Semua orang bilang bahwa hidup itu seperti sebuah buku.Setiap hari diibaratkan halaman dalam sebuah buku.Jika kita masih muda hidup kita berarti masih ada di halaman awal, tapi jika sudah tua hidup kita berarti sudah ada pada lembaran akhir.
Seseorang penulis novel asal Selandia Baru, Brian Falkner, berkata,"Life is like a book. There are good chapters, and there are bad chapters. But when you get to a bad chapter, you don't stop reading the book! If you do...then you never get to find out what happens next!"

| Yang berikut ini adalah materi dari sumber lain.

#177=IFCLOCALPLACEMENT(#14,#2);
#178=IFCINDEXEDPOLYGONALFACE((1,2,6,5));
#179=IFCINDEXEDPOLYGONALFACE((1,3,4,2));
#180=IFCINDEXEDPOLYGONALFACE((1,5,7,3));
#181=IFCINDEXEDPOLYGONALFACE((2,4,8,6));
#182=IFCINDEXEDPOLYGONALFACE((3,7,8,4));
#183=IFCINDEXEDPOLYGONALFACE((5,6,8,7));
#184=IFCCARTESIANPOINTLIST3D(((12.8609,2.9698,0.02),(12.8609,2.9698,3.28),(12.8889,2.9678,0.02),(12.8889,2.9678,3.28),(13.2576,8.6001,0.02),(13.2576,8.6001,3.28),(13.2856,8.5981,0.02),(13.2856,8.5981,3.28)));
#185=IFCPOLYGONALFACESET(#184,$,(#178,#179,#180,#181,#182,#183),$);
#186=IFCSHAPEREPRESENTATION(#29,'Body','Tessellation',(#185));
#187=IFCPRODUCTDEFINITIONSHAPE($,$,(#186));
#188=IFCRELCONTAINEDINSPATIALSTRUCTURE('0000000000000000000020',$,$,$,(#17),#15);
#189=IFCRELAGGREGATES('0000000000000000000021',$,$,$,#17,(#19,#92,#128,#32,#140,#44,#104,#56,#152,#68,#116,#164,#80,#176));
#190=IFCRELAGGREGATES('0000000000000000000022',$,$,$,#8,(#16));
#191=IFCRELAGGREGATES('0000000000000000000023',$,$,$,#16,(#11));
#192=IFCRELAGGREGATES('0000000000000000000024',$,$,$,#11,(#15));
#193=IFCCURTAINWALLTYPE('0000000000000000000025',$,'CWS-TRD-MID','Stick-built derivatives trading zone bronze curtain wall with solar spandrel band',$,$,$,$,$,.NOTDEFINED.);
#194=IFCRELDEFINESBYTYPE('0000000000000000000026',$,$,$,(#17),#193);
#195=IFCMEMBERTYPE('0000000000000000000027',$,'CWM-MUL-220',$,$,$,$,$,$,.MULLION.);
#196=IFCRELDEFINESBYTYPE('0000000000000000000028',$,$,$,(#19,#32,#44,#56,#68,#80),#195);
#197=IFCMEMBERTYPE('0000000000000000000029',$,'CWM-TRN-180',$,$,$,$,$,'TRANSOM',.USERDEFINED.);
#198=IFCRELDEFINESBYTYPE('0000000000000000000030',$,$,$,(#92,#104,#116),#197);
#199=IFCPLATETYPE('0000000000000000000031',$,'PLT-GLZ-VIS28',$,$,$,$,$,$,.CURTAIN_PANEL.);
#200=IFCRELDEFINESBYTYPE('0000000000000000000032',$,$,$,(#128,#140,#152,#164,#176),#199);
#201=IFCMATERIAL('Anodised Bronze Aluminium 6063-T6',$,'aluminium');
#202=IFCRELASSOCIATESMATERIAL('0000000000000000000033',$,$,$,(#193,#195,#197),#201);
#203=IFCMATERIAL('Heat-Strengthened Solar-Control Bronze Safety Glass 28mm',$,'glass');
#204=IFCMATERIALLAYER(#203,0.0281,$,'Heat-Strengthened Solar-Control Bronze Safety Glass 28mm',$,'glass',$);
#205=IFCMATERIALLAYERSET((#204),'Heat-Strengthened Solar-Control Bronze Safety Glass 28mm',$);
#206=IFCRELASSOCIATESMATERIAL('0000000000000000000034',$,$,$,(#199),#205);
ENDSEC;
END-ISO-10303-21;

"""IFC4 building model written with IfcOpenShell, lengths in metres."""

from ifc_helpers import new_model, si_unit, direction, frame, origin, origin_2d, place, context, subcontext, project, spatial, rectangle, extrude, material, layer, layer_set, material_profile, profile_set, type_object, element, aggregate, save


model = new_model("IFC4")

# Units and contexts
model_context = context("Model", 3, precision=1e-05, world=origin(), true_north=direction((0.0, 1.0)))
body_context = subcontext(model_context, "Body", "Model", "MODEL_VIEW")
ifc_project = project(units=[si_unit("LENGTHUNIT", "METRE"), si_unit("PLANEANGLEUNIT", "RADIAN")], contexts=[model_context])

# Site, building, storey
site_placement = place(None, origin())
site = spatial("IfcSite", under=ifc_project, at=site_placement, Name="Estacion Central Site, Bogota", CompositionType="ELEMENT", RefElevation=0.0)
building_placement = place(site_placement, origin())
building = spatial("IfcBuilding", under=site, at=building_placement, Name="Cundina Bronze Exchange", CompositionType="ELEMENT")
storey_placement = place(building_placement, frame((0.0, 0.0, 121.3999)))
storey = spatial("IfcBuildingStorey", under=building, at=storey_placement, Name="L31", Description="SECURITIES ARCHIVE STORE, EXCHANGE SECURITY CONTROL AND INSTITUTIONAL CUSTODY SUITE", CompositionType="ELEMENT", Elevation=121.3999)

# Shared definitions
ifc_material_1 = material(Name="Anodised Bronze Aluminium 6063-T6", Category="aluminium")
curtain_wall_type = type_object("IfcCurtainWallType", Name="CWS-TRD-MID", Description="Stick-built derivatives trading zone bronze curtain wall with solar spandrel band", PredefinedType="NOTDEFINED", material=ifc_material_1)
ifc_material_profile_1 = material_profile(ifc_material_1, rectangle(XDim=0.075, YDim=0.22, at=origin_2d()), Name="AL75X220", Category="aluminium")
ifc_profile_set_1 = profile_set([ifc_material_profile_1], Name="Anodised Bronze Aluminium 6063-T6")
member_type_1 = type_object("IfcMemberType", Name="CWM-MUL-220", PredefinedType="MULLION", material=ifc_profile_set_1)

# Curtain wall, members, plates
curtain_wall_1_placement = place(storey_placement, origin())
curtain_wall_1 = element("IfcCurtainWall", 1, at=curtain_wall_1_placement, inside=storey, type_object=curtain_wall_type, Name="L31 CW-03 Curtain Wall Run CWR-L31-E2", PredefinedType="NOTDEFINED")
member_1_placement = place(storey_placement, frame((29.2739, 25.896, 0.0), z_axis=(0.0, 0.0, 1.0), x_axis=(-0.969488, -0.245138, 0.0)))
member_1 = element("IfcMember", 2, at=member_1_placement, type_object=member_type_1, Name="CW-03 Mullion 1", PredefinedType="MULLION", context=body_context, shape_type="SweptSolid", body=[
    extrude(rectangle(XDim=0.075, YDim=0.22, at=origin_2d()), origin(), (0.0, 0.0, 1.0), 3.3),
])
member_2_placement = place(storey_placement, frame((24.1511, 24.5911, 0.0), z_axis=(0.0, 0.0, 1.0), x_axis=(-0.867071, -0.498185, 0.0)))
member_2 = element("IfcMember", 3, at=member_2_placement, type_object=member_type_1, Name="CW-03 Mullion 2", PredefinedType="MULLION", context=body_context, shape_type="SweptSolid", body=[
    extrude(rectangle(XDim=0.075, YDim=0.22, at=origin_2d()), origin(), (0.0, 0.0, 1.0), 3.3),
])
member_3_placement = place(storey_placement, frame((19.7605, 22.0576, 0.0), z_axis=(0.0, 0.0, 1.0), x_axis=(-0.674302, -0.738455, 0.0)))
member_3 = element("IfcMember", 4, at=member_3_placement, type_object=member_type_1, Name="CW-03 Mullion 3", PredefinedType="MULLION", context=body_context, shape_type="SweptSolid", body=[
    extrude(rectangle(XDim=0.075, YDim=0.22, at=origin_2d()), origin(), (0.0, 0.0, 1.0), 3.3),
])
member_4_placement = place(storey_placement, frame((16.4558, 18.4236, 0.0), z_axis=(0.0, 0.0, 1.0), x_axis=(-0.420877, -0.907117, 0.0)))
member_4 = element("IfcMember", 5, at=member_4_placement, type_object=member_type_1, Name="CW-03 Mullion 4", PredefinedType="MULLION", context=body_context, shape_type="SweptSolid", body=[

Ibarat sebuh novel, ada bagian yang datar, ada bagian yang buruk, ada klimaks dari sebuah permasalahan, dan ada juga penyelesaian konflik dibagian akhir sebagai penutup cerita.Hidup juga sering diilustrasikan dengan buku yang masih polos.Itu sebab ada istilah "lembaran baru.
"Biasanya dipakai untuk seseorang yang ingin memulai sesuatu yang sama sekali berbeda dalam hidupnya.Misalnya seorang pecandu narkoba yang ingin berubah, maka hari esok adalah sebuah lembaran baru baginya.
Hidup juga seumpama buku yang masih kosong, dengan apa kita akan mengisinya.Apa yang akan tertulis disana? Semua tergantung bagaimana kita menggerakkan hidup kita.Semua kalimat tersebut bukanlah kebijaksanaan saya.Tapi memang itulah yang semua orang katakan saat mengumpamakan hidup dengan sebuah buku.
Ada yang dulu menganggap jadi kritis itu penting, kini mulai bisa berkompromi dengan pendapat orang lain.Demikian juga saat saya mengamati tokoh-tokoh yang saya kagumi, saya melihat bagaimana perspektif mereka dari waktu ke waktu berubah atau bertambah.
Seperti yang dikatakan Pandji Pragiwaksono, dulu dia berpikir orang yang jahat atau berbeda pandangan dengannya harus dijauhi.Namun seiring berjalannya waktu dia mulai merubah pikirannya.
Dia berkata,"Bahkan kita merdeka pun bukan karena orang baik menang melawan orang jahat.Tapi karena kita bersedia duduk dan berdialog dengan orang yang selama ini kita anggap jahat.jangan bikin tembok baik dan jahat, justru harusnya kita membangun jembatan diantara keduanya."
Saya pribadi pun mengalami banyak perubahan secara pikiran.Contoh, dulu saya berpikir bahwa menjadi sarjana itu adalah segala-galanya.Namun sekarang saya pikir seseorang tidak harus jadi sarjana asal dia punya skill untuk bersaing di dunia kerja.Bisa jadi pikiran kita pada waktu itu salah, tapi bisa jadi benar hanya saja tidak lengkap.
Dari cerita saya tersebut, maka hidup itu pun seperti buku yang direvisi.Kalau kita membeli sebuah buku, novel atau biografi misalnya, tak jarang dalam cetakan kedua, ketiga dan seterusnya ada edisi yang direvisi.